I've tried to create a simple ML agent (ball) to learn to move towards and collide with a target.
Unfortunately, the agent doesn't appear to be learning and simply moves around in what appears to be random positions the whole time. After 5M steps, the average reward remains at -1.

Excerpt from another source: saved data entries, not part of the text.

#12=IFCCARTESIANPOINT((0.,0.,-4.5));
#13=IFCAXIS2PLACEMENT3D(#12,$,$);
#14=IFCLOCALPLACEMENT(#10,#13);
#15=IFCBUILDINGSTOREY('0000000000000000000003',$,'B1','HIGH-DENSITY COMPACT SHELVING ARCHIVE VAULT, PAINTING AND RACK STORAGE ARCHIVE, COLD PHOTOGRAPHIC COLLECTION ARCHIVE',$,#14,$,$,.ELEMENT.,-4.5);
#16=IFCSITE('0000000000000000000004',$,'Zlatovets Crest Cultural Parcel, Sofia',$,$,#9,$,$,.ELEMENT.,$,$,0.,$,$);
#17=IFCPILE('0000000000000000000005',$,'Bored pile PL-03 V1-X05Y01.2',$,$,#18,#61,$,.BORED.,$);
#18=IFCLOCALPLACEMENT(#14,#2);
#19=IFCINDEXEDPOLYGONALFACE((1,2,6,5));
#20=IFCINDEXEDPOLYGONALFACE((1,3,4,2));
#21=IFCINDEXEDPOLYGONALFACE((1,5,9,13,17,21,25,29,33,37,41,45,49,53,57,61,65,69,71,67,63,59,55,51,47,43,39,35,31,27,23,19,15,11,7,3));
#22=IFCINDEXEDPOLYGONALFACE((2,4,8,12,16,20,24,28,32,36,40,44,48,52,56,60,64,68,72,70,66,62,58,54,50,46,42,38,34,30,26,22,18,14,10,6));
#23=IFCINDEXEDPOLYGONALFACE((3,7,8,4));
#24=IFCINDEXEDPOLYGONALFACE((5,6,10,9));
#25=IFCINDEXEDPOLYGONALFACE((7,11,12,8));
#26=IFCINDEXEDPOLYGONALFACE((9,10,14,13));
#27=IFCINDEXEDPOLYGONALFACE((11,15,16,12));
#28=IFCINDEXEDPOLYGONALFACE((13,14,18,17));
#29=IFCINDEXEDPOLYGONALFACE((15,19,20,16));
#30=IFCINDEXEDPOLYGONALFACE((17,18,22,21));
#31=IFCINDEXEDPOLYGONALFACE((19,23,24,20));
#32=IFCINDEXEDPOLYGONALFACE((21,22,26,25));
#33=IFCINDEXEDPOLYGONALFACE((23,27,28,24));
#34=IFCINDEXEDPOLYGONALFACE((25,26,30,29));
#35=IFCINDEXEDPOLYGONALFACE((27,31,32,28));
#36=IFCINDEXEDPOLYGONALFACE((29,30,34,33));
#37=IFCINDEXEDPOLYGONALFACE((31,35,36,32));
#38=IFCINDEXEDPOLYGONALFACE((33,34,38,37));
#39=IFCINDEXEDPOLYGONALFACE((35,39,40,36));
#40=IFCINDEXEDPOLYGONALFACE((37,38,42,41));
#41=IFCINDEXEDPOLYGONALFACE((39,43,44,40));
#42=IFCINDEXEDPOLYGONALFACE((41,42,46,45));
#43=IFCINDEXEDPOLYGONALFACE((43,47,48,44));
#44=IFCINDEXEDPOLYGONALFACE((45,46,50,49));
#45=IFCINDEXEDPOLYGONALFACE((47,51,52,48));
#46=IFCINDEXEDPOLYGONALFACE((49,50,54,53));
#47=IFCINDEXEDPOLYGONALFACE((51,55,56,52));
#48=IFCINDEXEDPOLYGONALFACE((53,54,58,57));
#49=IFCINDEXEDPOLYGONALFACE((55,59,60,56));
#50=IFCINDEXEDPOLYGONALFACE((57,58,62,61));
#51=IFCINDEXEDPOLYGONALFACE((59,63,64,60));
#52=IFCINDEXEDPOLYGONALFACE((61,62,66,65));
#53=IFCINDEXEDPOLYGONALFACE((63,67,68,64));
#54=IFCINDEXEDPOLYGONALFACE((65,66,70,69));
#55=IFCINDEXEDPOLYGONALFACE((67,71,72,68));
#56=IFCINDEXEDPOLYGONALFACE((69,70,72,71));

Any suggestions on what I'm doing wrong?
Tensorflow Cumulative reward graph
My observations are here:
/// <summary>
/// Observations:
/// 1: Distance to nearest target
/// 3: Vector to nearest target
/// 3: Target Position
/// 3: Agent position
/// 1: Agent Velocity X
/// 1: Agent Velocity Y
/// //12 observations in total
/// </summary>
/// <param name="sensor"></param>
public override void CollectObservations(VectorSensor sensor)
{
//If nearest Target is null, observe an empty array and return early
if (target == null)
{
sensor.AddObservation(new float[12]);
return;
}
float distanceToTarget = Vector3.Distance(target.transform.position, this.transform.position);
//Distance to nearest target (1 observervation)
sensor.AddObservation(distanceToTarget);
//Vector to nearest target (3 observations)
Vector3 toTarget = target.transform.position - this.transform.position;
sensor.AddObservation(toTarget.normalized);
//Target position
sensor.AddObservation(target.transform.localPosition);
//Current Position
sensor.AddObservation(this.transform.localPosition);
//Agent Velocities
sensor.AddObservation(rigidbody.velocity.x);
sensor.AddObservation(rigidbody.velocity.y);
}
My YAML File config:
behaviors:
PlayerAgent:
trainer_type: ppo
hyperparameters:
batch_size: 512 #128
buffer_size: 2048
learning_rate: 3.0e-4
beta: 5.0e-4
epsilon: 0.2 #0.2
lambd: 0.99
num_epoch: 3 #3
learning_rate_schedule: linear
network_settings:
normalize: false
hidden_units: 32 #256
num_layers: 2
vis_encode_type: simple
reward_signals:
extrinsic:
gamma: 0.99
strength: 1.0
curiosity:
strength: 0.02
gamma: 0.99
encoding_size: 64
learning_rate: 3.0e-4
#keep_checkpoints: 5
#checkpoint_interval: 500000
max_steps: 5000000
time_horizon: 64
summary_freq: 10000
threaded: true
framework: tensorflow
Unity Inspector Component config
Rewards (All on the agent script):
private void Update()
{
//If Agent falls off the screen, give negative reward an end episode
if (this.transform.position.y < 0)
{
AddReward(-1.0f);
EndEpisode();
}
if(target != null)
{
Debug.DrawLine(this.transform.position, target.transform.position, Color.green);
}
}
private void OnCollisionEnter(Collision collidedObj)
{
//If agent collides with goal, provide reward
if (collidedObj.gameObject.CompareTag("Goal"))
{
AddReward(1.0f);
Destroy(target);
EndEpisode();
}
}
public override void OnActionReceived(float[] vectorAction)
{
if (!target)
{
//Place and assign the target
envController.PlaceTarget();
target = envController.ProvideTarget();
}
Vector3 controlSignal = Vector3.zero;
controlSignal.x = vectorAction[0];
controlSignal.z = vectorAction[1];
rigidbody.AddForce(controlSignal * moveSpeed, ForceMode.VelocityChange);
// Apply a tiny negative reward every step to encourage action
if (this.MaxStep > 0) AddReward(-1f / this.MaxStep);
}
How hard would you say that your environment is? If the target is rarely reached, the agent will not be able to learn. In that case, you need to add some intrinsic reward when the agent acts in the right direction. That allows the agent to learn even if the rewards are sparse.
There might also be a problem with reward hacking by the way you have designed the rewards. If the agent is not able to find the target to get the larger reward, the most efficient way is to fall off the platform as quickly as possible to not suffer from the small penalty in each timestep.